Israel may have its biggest delegation at this year’s Olympics, but that delegation, for instance, has no Arabs. Did no one find that odd? In fact, in its history of participation at the Olympics, Israel has only had two Arabs ever represent it. Isn’t it the forever-villifed country of acceptance? I guess not.
Israel may be upset that the Lebanese delegation stopped it from going on a bus, but they don’t seem to horrified by the fact they’re doing way, way worse to the Palestinians they’re occupying and oppressing. Ignore politics, and let’s talk sports.
- On February 10th, 2016, the Palestinian National football team was detained for over two hours before traveling to Algiers for a game. Where was the outcry then? T
- On March 3rd, Palestinian footballer Fadi Shareef, a 19 year old, was detained and arrested at the Beit Hanoun checkpoint after returning from a hospital in Al-Quds. No one knows anything about the charges.
- On April 28th, 2016, the Israeli army threw gas canisters at the offices of the Palestinian Football association. This was unprovoked.
You can find more instances such as the ones above at this link.
But let’s talk about more travel-centric bans that the Israelis have done. This is what Israel did to the Palestinian delegation at this year’s Olympics:
- Banned the head of their delegation, Issam Qishta, from traveling with them by not issuing him a permit.
- Prevent the entry of the needed Palestinian sports kit to their territory, forcing the Palestinian delegation from buying its equipment in Brazil all over again.
This was reported by Al-Jazeera 6 days ago, but obviously few cared.
So let’s put the transgressions of Israel against Palestine, even in sports, aside for a second and go back to the Lebanese-Israeli bus incident in the first place.
Didn’t anyone else find it weird how both countries were on the same bus to begin with? Think about it. If they’re sorting the buses by alphabetical order, there are more than enough countries between the two to place them on different buses. Even if it’s a random assignment, the Olympics organizing committee would have made such a “random” match up no more.
Or maybe it wasn’t so random after all?
On June 19th, 2016, Haaretz reports the following in its prideful “Jewish news” section:
JTA – Mazel tov! That’s perhaps how the big shots in charge of the Rio 2016 Olympic Games, the first to take place in South America, will toast victories when the competition gets underway August 5.
Three of the top officials of the Rio 2016 Organizing Committee, including its president, Carlos Arthur Nuzman, are Jewish.
One of Brazil’s most prominent sports figures, Nuzman, 74, is a former president of the Brazilian Volleyball Confederation and has been president of the Brazilian Olympic Committee since 1995.

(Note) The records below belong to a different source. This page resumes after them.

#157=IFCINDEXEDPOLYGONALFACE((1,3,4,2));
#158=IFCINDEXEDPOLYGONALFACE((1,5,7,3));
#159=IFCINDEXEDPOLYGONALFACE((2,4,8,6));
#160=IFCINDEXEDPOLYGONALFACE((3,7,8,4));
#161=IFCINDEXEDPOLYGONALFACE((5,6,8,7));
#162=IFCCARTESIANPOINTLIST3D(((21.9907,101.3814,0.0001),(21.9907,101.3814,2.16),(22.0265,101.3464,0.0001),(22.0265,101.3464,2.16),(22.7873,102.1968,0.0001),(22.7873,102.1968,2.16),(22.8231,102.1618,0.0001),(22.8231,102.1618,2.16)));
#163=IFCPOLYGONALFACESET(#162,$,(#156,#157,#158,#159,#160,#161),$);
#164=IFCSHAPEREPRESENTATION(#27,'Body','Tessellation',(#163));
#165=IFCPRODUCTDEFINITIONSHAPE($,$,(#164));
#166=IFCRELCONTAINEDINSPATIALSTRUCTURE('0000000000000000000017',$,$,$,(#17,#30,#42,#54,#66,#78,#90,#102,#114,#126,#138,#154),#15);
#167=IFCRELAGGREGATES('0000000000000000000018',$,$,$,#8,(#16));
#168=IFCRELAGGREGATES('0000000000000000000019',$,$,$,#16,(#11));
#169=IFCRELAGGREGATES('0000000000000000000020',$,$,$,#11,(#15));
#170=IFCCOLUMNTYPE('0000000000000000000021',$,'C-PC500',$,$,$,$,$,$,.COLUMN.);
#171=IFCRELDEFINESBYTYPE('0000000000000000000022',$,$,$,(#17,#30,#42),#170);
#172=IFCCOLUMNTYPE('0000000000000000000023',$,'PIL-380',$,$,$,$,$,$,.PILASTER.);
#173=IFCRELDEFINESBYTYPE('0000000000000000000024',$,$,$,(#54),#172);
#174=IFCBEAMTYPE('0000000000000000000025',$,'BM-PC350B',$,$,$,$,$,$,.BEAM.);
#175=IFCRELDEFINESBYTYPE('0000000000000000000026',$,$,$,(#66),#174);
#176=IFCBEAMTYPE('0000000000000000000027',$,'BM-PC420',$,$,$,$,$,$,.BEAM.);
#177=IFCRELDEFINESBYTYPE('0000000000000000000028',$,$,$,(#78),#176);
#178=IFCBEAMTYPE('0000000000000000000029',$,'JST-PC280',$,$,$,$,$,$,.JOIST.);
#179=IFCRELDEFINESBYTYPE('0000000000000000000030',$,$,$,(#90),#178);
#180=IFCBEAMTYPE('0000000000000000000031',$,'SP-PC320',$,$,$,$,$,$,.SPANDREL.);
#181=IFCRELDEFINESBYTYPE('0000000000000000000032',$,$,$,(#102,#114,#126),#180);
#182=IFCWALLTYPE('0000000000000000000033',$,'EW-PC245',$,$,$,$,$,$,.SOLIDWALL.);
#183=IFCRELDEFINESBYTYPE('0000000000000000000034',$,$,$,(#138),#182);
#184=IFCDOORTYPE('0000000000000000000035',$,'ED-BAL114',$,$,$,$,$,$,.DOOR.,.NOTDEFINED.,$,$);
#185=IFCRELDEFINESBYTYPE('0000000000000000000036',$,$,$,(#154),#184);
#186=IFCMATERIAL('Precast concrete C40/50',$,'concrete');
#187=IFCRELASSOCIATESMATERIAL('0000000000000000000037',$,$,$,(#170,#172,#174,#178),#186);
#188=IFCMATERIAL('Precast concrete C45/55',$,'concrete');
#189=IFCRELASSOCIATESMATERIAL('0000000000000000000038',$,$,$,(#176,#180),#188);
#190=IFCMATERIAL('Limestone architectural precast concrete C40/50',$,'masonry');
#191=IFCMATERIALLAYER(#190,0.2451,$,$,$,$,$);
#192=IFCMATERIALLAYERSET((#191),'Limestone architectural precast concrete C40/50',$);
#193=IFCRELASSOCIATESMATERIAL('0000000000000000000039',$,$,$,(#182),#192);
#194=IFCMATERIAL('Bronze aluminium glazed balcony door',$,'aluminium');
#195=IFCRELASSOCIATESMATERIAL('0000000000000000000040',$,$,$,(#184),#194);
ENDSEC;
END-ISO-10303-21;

Nuzman’s father, Izaak, presided over the Rio Jewish federation, the Hebraica Club and the local Keren Hayesod-United Israel Appeal.
“He was one the greatest leaders of our Jewish community. He brought [David] Ben-Gurion and Golda Meir to Brazil,” Nuzman boasted, noting the late prime ministers of Israel.

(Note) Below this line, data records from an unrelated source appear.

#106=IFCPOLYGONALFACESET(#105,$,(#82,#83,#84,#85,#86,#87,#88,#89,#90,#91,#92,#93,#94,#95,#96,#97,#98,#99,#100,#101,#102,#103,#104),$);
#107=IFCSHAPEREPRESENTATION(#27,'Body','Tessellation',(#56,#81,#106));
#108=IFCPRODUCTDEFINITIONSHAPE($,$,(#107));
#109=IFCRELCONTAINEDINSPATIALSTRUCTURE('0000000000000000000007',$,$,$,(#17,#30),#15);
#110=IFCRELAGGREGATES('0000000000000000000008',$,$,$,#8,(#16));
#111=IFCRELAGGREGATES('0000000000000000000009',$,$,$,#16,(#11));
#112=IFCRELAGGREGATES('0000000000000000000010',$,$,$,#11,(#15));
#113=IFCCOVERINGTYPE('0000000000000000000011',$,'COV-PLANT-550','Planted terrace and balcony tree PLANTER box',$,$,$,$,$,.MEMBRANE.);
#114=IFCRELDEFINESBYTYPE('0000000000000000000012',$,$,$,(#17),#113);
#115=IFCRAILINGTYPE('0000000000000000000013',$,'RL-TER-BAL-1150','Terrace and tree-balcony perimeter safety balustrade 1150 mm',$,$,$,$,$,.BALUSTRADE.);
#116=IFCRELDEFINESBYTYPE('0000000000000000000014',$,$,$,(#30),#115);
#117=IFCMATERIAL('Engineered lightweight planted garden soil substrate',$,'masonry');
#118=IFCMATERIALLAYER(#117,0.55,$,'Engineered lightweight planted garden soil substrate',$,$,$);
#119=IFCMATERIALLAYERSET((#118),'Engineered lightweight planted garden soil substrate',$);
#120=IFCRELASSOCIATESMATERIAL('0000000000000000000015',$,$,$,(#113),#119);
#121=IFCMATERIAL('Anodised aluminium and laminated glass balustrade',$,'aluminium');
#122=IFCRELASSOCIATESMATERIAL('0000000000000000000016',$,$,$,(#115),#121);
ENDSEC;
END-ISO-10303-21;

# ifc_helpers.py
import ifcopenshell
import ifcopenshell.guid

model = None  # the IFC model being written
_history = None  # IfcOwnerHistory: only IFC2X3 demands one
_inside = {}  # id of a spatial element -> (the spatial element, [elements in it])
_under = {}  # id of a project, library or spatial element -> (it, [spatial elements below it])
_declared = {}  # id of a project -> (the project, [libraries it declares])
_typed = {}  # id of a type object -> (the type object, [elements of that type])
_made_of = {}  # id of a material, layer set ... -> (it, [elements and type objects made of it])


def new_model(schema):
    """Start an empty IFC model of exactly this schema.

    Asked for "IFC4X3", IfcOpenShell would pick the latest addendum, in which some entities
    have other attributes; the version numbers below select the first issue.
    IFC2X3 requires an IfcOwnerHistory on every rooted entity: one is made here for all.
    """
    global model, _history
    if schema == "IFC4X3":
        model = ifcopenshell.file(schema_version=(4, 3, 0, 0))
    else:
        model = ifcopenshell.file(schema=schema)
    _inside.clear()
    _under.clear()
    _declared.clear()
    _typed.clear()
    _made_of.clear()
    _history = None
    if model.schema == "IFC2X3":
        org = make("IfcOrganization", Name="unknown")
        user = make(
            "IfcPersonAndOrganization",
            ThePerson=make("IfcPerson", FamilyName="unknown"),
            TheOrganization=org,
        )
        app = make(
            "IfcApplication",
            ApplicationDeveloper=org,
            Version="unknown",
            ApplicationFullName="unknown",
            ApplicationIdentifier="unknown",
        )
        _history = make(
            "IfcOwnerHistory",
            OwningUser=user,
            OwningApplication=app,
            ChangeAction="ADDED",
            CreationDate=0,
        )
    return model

Nuzman relies on other prominent members of the local Jewish community as deputies. Sidney Levy, a business executive, is the Rio 2016 committee’s chief executive officer and has a $2.2 billion budget to manage. Leonardo Gryner, a communications and marketing director who was part of the Rio 2016 bid, is deputy CEO.

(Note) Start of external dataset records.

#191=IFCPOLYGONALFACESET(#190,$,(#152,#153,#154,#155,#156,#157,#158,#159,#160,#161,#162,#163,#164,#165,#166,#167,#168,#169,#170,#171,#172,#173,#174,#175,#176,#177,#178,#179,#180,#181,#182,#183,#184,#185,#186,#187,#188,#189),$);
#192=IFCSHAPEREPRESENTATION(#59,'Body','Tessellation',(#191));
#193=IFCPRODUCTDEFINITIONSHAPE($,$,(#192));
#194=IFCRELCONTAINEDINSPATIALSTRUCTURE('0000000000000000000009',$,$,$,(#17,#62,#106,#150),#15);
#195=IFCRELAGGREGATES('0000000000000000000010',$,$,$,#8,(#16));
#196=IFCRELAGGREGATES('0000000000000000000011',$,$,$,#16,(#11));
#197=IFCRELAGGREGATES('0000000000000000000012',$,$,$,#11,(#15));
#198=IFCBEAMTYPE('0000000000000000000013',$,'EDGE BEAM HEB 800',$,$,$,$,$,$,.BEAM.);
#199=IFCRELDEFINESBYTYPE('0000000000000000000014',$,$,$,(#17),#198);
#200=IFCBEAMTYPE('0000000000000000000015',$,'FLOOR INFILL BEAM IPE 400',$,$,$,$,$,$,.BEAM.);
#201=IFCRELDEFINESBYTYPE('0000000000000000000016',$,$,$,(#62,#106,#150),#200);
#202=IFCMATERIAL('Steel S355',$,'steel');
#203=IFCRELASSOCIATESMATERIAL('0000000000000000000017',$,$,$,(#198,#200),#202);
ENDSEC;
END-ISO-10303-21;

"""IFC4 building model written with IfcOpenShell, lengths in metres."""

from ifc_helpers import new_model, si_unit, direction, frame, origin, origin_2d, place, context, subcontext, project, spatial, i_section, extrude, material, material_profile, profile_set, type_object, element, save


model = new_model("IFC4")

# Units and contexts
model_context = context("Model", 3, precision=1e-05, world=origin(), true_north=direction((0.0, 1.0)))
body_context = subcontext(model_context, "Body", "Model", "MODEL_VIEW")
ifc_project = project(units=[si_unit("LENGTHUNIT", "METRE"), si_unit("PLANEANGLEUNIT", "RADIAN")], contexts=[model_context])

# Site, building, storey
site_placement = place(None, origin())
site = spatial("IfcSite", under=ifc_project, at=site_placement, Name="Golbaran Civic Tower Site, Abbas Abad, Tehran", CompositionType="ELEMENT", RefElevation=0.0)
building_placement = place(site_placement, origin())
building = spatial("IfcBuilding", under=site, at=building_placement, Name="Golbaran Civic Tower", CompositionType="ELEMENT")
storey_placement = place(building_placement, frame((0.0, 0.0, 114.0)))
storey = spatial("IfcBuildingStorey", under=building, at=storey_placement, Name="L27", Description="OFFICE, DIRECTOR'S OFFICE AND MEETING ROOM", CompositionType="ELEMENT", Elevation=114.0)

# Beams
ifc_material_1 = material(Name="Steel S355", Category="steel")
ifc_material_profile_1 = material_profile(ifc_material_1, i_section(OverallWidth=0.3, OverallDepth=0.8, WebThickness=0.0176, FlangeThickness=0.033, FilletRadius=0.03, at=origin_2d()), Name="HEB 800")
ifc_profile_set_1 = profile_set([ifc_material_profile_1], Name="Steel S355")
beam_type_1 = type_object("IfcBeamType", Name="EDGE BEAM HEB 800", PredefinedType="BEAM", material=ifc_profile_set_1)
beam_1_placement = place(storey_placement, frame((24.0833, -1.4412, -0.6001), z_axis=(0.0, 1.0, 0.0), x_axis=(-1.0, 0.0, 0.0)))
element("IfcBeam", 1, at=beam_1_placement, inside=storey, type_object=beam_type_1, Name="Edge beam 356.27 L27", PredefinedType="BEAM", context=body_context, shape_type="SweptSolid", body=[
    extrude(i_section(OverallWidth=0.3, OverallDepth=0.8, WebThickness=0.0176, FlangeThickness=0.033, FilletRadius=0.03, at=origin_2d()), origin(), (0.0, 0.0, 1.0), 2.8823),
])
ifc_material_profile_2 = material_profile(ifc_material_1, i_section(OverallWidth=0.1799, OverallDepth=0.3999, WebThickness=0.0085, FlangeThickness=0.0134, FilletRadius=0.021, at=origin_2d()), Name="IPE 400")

So when Israel-associated figures are organizing the Olympics, would it be far-fetched to assume that those figures would want, in any capacity that they could, set up scenarios in which trouble can be stirred, such as on a bus, by placing the Israeli delegation with that of a country whose citizens they definitely know cannot and are not allowed and would not interact with Israelis in any capacity?
There’s a lot to be said about whether it would be better for Lebanese to compete (and beat) Israelis. The whole interaction issue is vast, and has been discussed before. But the conclusion is the following: when you’re a country with a constellation of war crimes and horrors under your belt, when you’ve done worse to the people whose land you’re encroaching on than simply being taken to another bus, and when your entire existence in drenched in hypocrisy, you don’t get to cry wolf.